04.07.2012 - (idw) Universitätsklinikum Carl Gustav Carus Dresden

Seit 1992 wird in Dresden die Zahnmedizin volluniversitär gelehrt - das heißt in Klinik und Vorklinik. Nach Abwehr der drohenden Schließung 1993 haben sich die Dresdner mittlerweile einen Spitzenplatz erarbeitet. Mit einer Festveranstaltung am Mittwoch, dem 4. Juli 2012, dankt die Universitäts ZahnMedizin dem Freistaat Sachsen für das entgegengebrachte Vertrauen und die Unterstützung und wagt anhand der bisherigen Leistungen einen Ausblick in die Zukunft auf den Gebieten Forschung, Lehre und Patientenversorgung. Von ganz besonderer Bedeutung sind dabei die enge Zusammenarbeit mit den Fachgebieten der Medizin sowie den Forschungsgebieten der TU Dresden und die internationalen Kooperationen. Im Rahmen der Festveranstaltung zum 20-jährigen Jubiläum präsentieren die Dresdner Universitäts-Zahnmediziner aktuelle wissenschaftliche Projekte. Unter anderem konnten Dresdner Forscher belegen, dass unbehandelte Parodontitis das Risiko für schwere Allgemeinerkrankungen wie Herzerkrankungen und Diabetes zu erhöhen vermag. Ein weiteres Thema der Dresdner Zahnmedizin sind Nanomaterialien: Oberflächenbeschichtungen, die eine bakterielle Besiedelung von Zähnen und Füllungsmaterialien verhindern können, werden die präventive Zahnmedizin revolutionieren.

Studium wird immer internationaler
Die heute ausgebildeten Studenten sind noch im Jahr 2050 tätig. Der zukünftige Absolvent wird bereits jetzt beginnend neben der klassischen oralen Diagnostik, Prävention und Therapie ein weitaus höheres Maß an systemischer Diagnostik und Früherkennung zu bewältigen haben. Etwa ein Drittel der Studierenden haben in der Klinik die Möglichkeit eines Auslandsaufenthaltes durch internationalen Studentenaustausch mit Europa und Übersee. So besteht ein Austauschprogramm mit der University of Alberta (Kanada) mit Klinischer Ausbildung und dem Alleinstellungsmerkmal der Behandlungsmöglichkeit in Nordamerika. Das Kanada-Programm hat Ausstrahlung über die Zahnmedizin hinaus und zu einer Regionalpartnerschaft zwischen Sachsen und Alberta geführt.

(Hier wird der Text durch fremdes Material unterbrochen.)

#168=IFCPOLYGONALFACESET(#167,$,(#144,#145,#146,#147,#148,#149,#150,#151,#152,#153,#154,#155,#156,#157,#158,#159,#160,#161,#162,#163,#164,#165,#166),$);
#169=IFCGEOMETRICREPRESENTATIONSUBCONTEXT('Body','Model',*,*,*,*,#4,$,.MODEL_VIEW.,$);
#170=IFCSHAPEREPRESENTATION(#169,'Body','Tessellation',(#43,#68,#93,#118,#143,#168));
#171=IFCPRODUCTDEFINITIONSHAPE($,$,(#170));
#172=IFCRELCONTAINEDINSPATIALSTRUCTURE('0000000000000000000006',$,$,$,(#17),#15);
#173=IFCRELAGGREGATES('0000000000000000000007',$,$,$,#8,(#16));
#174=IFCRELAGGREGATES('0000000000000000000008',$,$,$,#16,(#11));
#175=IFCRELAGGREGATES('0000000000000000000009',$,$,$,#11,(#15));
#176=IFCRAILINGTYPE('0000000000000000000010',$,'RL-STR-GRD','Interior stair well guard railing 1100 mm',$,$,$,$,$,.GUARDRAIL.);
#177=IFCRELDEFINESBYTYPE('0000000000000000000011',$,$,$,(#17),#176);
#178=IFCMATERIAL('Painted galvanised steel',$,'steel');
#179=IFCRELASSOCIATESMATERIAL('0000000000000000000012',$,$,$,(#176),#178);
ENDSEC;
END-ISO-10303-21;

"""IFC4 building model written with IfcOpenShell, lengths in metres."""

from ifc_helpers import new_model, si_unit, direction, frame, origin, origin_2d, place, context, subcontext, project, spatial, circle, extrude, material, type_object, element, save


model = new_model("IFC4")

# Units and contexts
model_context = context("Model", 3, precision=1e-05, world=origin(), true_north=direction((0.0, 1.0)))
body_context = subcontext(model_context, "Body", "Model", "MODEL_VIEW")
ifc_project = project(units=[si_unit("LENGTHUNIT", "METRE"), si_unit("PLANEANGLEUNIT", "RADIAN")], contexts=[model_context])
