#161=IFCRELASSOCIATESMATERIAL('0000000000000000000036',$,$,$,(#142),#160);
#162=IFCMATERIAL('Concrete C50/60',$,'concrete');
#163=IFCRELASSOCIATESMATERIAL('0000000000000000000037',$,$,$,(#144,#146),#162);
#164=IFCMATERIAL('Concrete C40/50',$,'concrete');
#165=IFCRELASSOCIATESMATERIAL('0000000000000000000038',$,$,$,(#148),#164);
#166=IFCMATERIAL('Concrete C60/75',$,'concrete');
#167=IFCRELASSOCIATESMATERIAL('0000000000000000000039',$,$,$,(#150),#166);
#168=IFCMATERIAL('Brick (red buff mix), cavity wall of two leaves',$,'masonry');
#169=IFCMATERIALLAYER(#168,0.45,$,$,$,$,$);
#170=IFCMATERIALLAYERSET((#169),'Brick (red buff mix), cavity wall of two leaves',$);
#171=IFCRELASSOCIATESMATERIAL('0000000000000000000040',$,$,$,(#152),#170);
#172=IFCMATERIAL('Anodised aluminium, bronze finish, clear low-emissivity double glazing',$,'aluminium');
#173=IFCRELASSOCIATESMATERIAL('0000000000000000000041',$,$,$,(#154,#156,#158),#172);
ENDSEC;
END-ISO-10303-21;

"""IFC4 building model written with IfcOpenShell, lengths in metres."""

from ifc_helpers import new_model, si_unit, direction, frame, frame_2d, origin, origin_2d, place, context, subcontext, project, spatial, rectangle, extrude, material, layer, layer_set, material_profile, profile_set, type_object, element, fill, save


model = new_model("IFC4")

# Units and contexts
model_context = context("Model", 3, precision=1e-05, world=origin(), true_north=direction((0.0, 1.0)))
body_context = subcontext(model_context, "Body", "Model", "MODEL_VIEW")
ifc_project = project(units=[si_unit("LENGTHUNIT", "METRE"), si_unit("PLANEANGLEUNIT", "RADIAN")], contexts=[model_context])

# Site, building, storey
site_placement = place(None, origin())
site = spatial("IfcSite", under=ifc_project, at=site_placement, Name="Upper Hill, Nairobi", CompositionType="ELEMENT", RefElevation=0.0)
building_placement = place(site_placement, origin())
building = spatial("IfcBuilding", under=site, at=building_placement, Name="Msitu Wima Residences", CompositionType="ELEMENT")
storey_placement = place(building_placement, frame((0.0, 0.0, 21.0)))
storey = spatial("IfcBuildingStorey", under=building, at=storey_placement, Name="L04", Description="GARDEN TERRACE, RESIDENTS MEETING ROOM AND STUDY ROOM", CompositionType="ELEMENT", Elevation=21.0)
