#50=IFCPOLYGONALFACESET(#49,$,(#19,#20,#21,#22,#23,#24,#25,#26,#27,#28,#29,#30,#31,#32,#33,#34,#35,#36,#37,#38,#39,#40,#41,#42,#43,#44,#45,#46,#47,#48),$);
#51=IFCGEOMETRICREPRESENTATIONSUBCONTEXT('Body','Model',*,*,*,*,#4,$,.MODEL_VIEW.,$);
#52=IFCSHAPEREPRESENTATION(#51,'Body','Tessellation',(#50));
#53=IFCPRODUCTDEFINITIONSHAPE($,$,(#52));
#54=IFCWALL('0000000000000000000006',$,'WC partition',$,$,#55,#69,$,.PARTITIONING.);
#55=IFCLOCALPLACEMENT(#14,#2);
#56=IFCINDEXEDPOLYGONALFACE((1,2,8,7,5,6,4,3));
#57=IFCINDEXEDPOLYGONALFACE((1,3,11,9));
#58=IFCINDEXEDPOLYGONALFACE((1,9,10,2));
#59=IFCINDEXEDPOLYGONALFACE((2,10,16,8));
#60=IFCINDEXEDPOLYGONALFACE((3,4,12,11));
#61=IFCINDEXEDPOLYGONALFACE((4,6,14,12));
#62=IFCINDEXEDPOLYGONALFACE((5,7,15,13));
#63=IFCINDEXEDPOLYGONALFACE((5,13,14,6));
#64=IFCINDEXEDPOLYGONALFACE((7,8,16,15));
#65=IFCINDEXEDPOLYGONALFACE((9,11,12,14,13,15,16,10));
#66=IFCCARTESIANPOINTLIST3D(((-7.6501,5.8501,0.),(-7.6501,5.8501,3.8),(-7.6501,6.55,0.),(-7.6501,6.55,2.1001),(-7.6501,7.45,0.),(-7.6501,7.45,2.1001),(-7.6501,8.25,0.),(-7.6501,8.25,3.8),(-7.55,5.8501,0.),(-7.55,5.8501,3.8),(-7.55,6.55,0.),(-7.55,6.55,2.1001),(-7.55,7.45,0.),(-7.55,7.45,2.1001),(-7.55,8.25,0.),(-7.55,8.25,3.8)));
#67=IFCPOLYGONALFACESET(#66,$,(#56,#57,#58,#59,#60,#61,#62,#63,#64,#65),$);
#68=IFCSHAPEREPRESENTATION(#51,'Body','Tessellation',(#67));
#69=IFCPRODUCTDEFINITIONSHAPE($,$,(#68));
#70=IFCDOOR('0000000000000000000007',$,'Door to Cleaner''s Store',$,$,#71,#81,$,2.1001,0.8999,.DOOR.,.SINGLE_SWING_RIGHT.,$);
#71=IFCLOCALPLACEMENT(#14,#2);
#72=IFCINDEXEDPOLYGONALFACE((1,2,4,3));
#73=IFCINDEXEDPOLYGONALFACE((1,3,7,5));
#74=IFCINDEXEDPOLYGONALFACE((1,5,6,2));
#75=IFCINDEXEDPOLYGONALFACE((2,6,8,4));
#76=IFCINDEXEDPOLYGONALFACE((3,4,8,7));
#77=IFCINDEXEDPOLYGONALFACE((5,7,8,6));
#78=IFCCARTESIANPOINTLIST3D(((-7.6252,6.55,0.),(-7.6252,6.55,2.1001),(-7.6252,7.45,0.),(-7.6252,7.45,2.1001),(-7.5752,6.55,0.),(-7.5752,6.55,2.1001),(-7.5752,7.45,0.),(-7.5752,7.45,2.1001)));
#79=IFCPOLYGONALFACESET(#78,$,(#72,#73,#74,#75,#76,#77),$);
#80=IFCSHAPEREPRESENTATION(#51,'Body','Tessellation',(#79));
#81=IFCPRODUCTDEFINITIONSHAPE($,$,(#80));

Im Jahr 2005 sprach der Wissenschaftsrat Empfehlungen zur Entwicklung der Zahnmedizin aus. In diesen Empfehlungen wird die Notwendigkeit, den Fächerkanon neu zu definieren, Standortprofile herauszubilden, lieb gewonnene, jedoch alte Zöpfe abzuschneiden und Innovationen den Weg zu bahnen, sehr klar erkannt und formuliert. Hierüber wird sich ebenfalls der Wettbewerb zwischen den universitären Standorten definieren und nicht zuletzt die Entscheidung fallen, zur bloßen Ausbildungseinrichtung abqualifiziert zu werden oder aber vollwertig zu forschen, zu lehren und Patienten zu betreuen.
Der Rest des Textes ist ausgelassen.